Let \(f(x) = \cos \left( {\frac{\pi }{4}x} \right) + \sin \left( {\frac{\pi }{4}x} \right),{\text{ for }} - 4 \leqslant x \leqslant 4.\)

Sketch the graph of \(f\).

[3]
a.

Find the values of \(x\) where the function is decreasing.

[5]
b.

The function \(f\) can also be written in the form \(f(x) = a\sin \left( {\frac{\pi }{4}(x + c)} \right)\), where \(a \in \mathbb{R}\), and \(0 \leqslant c \leqslant 2\). Find the value of \(a\);

[3]
c(i).

The function \(f\) can also be written in the form \(f(x) = a\sin \left( {\frac{\pi }{4}(x + c)} \right)\), where \(a \in \mathbb{R}\), and \(0 \leqslant c \leqslant 2\). Find the value of \(c\).

[4]
c(ii).

Markscheme


          A1A1A1     N3

 

Note:     Award A1 for approximately correct sinusoidal shape.

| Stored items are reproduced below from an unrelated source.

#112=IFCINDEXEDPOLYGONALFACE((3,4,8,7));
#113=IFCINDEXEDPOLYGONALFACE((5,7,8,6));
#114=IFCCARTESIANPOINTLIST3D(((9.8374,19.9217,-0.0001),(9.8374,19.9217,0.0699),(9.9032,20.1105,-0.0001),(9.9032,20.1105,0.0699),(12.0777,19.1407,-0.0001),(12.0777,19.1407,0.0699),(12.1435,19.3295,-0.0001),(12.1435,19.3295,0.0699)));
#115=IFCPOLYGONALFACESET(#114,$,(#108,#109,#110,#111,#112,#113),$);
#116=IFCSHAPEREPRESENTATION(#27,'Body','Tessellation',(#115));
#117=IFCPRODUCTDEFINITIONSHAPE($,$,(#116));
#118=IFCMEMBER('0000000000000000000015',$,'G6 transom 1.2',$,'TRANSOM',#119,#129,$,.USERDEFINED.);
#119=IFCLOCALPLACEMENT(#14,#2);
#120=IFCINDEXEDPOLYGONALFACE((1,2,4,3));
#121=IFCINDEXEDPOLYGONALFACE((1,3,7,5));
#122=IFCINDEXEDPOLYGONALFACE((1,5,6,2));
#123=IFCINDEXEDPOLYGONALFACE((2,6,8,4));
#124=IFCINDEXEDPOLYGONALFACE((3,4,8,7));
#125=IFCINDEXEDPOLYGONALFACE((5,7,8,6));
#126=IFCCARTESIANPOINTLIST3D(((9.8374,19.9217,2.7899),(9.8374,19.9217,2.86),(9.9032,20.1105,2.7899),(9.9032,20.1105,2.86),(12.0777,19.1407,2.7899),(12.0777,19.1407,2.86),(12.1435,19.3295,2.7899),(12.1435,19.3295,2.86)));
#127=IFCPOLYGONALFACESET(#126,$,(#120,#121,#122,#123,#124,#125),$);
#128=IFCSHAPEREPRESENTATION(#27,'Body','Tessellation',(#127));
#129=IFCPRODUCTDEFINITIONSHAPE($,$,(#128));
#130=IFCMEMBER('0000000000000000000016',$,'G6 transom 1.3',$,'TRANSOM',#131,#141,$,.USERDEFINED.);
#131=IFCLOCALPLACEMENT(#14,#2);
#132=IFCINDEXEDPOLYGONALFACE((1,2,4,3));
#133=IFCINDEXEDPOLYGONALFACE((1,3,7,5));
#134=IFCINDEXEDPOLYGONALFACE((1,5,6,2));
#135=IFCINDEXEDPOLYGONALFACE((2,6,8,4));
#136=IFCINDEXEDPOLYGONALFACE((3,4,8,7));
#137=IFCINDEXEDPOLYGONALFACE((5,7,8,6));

     Only if this A1 is awarded, award the following:

     A1 for correct domain,

     A1 for approximately correct range.

 

[3 marks]

 

a.

recognizes decreasing to the left of minimum or right of maximum,

eg     \(f'(x) < 0\)     (R1)

x-values of minimum and maximum (may be seen on sketch in part (a))     (A1)(A1)

eg     \(x =  - 3,{\text{ (1, 1.4)}}\)

two correct intervals     A1A1     N5

eg     \( - 4 < x <  - 3,{\text{ }}1 \leqslant x \leqslant 4;{\text{ }}x <  - 3,{\text{ }}x \geqslant 1\)

[5 marks]

b.

recognizes that \(a\) is found from amplitude of wave     (R1)

y-value of minimum or maximum     (A1)

eg     (−3, −1.41) , (1, 1.41)

\(a = 1.41421\)

\(a = \sqrt 2 {\text{,   (exact), 1.41,}}\)     A1     N3

[3 marks]

c(i).

METHOD 1

recognize that shift for sine is found at x-intercept     (R1)

attempt to find x-intercept    (M1)

eg     \(\cos \left( {\frac{\pi }{4}x} \right) + \sin \left( {\frac{\pi }{4}x} \right) = 0,{\text{ }}x = 3 + 4k,{\text{ }}k \in \mathbb{Z}\)

\(x =  - 1\)     (A1)

\(c = 1\)     A1     N4

 

METHOD 2

attempt to use a coordinate to make an equation     (R1)

eg     \(\sqrt 2 \sin \left( {\frac{\pi }{4}c} \right) = 1,{\text{ }}\sqrt 2 \sin \left( {\frac{\pi }{4}(3 - c)} \right) = 0\)

attempt to solve resulting equation     (M1)

eg     sketch, \(x = 3 + 4k,{\text{ }}k \in \mathbb{Z}\)

\(x =  - 1\)     (A1)

\(c = 1\)     A1     N4

[4 marks]

c(ii).

Examiners report

[N/A]
a.
[N/A]
b.
[N/A]
c(i).
[N/A]
c(ii).

Syllabus sections

Topic 3 - Circular functions and trigonometry » 3.4 » The circular functions \(\sin x\) , \(\cos x\) and \(\tan x\) : their domains and ranges; amplitude, their periodic nature; and their graphs.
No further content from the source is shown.